We receive countless calls every day from people wanting our firm to represent them in their criminal cases, but we can only accept a small portion of those cases. Of the cases that we do accept, it is with the understanding that we plan to take the client’s case to trial; however, we also advise our clients that the ultimate decision as to whether a case does go to trial is completely up to them. While we are trial lawyers, we ultimately understand the client must choose the option that they believe to best for themselves.
So that raises a major question. When should a client take a plea deal? As much as I hate to use the typical lawyer answer, it really does depend on quite a few things. First is determining the strength of the prosecution’s case. If the prosecution’s case is so weak that it cannot exclude any and all reasonable doubt, then the case is definitely one that should go to trial. If the case is one in which the prosecution’s evidence is incredibly strong, then obviously that could cause a client to consider pleading guilty.
Still, the question still turns to whether a client should take a plea deal. Really, the answer hinges on whether the plea deal is in the client’s best interests. For example, let’s say that a person is charged with a low-level drug or property crime, and the person is a first-time offender. The prosecution comes at the person with a plea deal, but the catch is that the person will have to serve three years in jail. In that situation, even though the person may not spend a significant amount of time in jail after parole eligibility and earned time kicks in, it still may not be in the person’s best interests to accept that plea deal. It could be that the better choice would be for the client to enter an open plea and try to convince the court to either give no jail time or place the person in an alternative-to-sentencing program, such as drug court or non-adjudication.

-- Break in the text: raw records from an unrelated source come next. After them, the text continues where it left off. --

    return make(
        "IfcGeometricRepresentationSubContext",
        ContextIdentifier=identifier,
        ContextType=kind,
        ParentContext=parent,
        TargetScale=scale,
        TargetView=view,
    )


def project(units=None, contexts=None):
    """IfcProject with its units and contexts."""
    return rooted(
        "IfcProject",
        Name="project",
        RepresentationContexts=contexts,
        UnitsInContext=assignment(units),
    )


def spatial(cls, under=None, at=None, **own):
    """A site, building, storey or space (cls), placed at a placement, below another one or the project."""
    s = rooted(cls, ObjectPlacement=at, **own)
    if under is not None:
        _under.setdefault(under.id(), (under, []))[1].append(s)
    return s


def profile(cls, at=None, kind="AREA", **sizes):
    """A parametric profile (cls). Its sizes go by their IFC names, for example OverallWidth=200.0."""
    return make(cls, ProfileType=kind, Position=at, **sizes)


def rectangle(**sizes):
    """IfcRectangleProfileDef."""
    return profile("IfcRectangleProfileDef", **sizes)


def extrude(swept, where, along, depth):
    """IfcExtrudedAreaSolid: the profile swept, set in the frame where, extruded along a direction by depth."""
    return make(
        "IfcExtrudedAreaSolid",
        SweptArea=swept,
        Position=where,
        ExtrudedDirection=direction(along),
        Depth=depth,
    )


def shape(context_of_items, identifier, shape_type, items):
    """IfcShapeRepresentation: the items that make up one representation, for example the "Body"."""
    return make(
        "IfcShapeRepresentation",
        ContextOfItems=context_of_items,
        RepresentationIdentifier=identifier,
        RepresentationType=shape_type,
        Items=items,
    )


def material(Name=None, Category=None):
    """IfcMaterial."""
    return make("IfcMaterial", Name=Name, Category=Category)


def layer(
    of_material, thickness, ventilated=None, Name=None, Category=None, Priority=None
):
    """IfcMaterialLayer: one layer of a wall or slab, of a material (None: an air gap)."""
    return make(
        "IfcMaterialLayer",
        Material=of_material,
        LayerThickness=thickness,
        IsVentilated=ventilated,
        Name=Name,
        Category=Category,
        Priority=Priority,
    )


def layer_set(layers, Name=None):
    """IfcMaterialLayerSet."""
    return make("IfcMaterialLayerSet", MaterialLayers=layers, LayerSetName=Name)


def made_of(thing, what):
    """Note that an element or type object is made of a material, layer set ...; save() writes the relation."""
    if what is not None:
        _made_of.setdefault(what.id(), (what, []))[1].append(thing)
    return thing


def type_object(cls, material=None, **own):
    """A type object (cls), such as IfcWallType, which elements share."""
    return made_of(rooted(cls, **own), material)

But let’s look at it from another angle. Let’s say that a person is charged with capital murder, which carries a maximum penalty of either death or life in prison. The evidence is incredibly strong, and there is a very low likelihood that the person would be able to get a not-guilty verdict. The prosecution decides that it would like to offer a plea deal of 20 years for either manslaughter (which carries a maximum of 20 years) or second-degree murder (which carries a minimum of 20 years and a max of 40 years). Obviously, 20 years is better than life in prison or death; however, if the person was to plead to manslaughter, parole eligibility and earned time could lead to the person being released much earlier (assuming MDOC applies the earned time, but that’s a topic for another day) than if the person was to plead to second-degree murder. For either manslaughter or second-degree murder, it would be in the client’s best interests to plead guilty to avoid a lifetime conviction, but that does not mean that it would be in the client’s best interest to plead guilty to whatever plea deal the that prosecution might offer. Rather, it would be in the client’s best interests for the lawyer to push for either less jail time or for the prosecution to agree to a cap as far as how much time they would seek, which in turn could lead the client to enter an open plea and request that the judge imposes less jail time.My point is this: taking a plea deal is an incredibly important decision. It should never be taken lightly, and the client and lawyer should always make it a point to sit down, talk about the possibilities and potential outcomes, and think outside of the box to get the best possible outcome for the client given the circumstances. At the end of the day, though, whether a client should accept a plea deal is going to depend on the client, and what they feel is in their own best interests.